Transparency in litigation finance is a hot topic. Many are pushing for more disclosure regarding the identity of who is funding litigation.
In June court officials proposed amendments to an existing rule which deals with the disclosure of interested parties in a case. They suggested adding funders to this list. However, on the 23rd of January, the court decided disclosure is only necessary in class-action cases.
It is unlikely this will have a huge impact on funders. Litigation funders rarely back class-action suits given the risks associated with this asset. The increased complexity given the number of parties involved is usually a deterrent.

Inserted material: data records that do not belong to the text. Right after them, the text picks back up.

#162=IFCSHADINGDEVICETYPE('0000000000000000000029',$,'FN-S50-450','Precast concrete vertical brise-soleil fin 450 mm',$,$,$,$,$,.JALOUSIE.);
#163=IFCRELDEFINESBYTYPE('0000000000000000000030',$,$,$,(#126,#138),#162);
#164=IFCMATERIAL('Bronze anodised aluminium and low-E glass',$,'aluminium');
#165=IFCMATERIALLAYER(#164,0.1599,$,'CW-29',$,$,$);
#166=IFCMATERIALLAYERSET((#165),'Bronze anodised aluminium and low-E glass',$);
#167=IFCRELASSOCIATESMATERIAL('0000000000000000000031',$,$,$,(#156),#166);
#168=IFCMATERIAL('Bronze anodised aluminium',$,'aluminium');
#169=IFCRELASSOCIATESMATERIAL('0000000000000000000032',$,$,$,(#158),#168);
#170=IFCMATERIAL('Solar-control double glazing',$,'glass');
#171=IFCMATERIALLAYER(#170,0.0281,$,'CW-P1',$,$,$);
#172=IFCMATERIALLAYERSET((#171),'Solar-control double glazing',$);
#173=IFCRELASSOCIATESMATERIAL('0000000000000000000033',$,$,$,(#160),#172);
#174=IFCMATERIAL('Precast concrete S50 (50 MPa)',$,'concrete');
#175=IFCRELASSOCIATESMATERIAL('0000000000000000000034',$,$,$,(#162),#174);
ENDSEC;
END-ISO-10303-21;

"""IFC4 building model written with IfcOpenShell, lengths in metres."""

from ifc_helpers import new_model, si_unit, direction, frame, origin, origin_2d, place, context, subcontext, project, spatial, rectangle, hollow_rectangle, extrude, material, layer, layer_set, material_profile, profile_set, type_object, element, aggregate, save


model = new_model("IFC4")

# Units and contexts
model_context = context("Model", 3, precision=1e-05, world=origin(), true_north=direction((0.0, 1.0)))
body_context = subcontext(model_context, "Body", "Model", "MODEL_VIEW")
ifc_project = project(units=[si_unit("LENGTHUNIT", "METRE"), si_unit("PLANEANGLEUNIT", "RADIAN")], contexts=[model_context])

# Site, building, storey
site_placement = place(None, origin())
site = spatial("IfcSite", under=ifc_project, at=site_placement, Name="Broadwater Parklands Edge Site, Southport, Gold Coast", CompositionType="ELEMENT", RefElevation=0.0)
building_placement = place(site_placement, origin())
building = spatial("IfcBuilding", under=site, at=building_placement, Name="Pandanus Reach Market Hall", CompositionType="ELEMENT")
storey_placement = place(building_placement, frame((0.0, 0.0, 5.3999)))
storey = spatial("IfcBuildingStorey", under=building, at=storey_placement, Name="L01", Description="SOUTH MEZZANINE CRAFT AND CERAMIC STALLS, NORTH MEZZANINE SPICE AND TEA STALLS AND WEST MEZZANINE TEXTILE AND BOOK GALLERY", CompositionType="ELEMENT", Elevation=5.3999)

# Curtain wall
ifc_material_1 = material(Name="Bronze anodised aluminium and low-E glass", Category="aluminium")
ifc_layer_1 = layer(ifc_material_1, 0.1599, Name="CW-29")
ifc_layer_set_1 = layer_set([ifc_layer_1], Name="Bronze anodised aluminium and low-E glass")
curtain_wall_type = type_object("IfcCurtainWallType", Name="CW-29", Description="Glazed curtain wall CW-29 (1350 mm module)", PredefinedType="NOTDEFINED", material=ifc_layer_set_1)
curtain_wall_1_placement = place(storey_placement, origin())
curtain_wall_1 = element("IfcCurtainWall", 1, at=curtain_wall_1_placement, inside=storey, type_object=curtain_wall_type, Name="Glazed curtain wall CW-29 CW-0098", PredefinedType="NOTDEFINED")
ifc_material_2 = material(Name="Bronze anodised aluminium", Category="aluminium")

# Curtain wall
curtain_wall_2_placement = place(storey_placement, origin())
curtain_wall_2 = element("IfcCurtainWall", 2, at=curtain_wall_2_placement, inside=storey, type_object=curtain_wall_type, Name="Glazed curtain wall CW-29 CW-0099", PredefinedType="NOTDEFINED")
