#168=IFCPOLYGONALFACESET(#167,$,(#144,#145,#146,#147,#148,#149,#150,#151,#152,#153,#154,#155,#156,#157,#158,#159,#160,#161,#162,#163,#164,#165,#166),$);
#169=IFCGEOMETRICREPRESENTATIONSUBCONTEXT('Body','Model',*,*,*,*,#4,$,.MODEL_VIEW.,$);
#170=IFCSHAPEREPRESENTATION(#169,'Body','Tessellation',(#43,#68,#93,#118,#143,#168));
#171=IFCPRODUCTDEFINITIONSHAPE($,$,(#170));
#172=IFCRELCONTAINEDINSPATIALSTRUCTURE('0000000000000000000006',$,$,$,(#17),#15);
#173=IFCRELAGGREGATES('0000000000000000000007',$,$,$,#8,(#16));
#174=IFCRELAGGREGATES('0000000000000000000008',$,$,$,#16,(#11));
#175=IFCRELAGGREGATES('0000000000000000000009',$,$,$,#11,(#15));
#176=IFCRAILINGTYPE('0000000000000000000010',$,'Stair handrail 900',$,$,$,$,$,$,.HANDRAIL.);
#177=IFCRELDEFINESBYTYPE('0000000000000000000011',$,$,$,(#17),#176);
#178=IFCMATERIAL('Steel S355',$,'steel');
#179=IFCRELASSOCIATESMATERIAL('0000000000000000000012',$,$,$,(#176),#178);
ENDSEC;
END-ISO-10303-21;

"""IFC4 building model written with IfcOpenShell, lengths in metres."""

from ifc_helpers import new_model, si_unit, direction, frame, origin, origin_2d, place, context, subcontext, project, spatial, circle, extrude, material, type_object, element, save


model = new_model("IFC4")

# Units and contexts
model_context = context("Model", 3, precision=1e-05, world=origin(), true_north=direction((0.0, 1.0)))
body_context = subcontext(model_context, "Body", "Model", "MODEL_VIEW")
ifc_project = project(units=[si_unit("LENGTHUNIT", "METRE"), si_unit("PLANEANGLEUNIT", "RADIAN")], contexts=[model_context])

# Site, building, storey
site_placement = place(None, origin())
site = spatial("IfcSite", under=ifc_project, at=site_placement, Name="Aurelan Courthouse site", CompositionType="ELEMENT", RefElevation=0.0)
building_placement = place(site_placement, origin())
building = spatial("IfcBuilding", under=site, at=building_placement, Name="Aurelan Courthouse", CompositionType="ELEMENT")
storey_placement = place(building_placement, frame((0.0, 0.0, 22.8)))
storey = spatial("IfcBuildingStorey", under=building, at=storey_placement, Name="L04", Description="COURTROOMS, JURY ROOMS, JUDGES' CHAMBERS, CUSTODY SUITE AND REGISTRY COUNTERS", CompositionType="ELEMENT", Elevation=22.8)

“For us and for our business, it will have a very little effect…We’re pleased to see the court taking an incremental approach on this”
– Travis Lenkner, a managing director with the international litigation finance firm Burford Capital.
28% of private-practice lawyers in the U.S. said their firms used litigation finance in 2016. The data comes from a survey conducted by Burford. That’s four times as much as in 2013.
The industry has faced criticism. Many obsessed with the idea that it supports frivolous or spurious litigation. However, it is crucial for firms to pick cases that have merit. Without this, they risk losing the case and substantial amounts of their fund’s money.
Access to justice is the most important element of litigation funding. With rising costs, many see this industry as provided a service for social good.
“You talk to a business owner or a patent holder whose life has been destroyed by someone and they can’t afford to fight back. That’s where we come in…You meet with people whose cases you’ve funded, and you realize that it’s a social good to allow people to use our super-expensive judicial system.”
– Matthew Harrison, an investment manager and legal counsel in San Francisco for litigation funding firm Bentham IMF.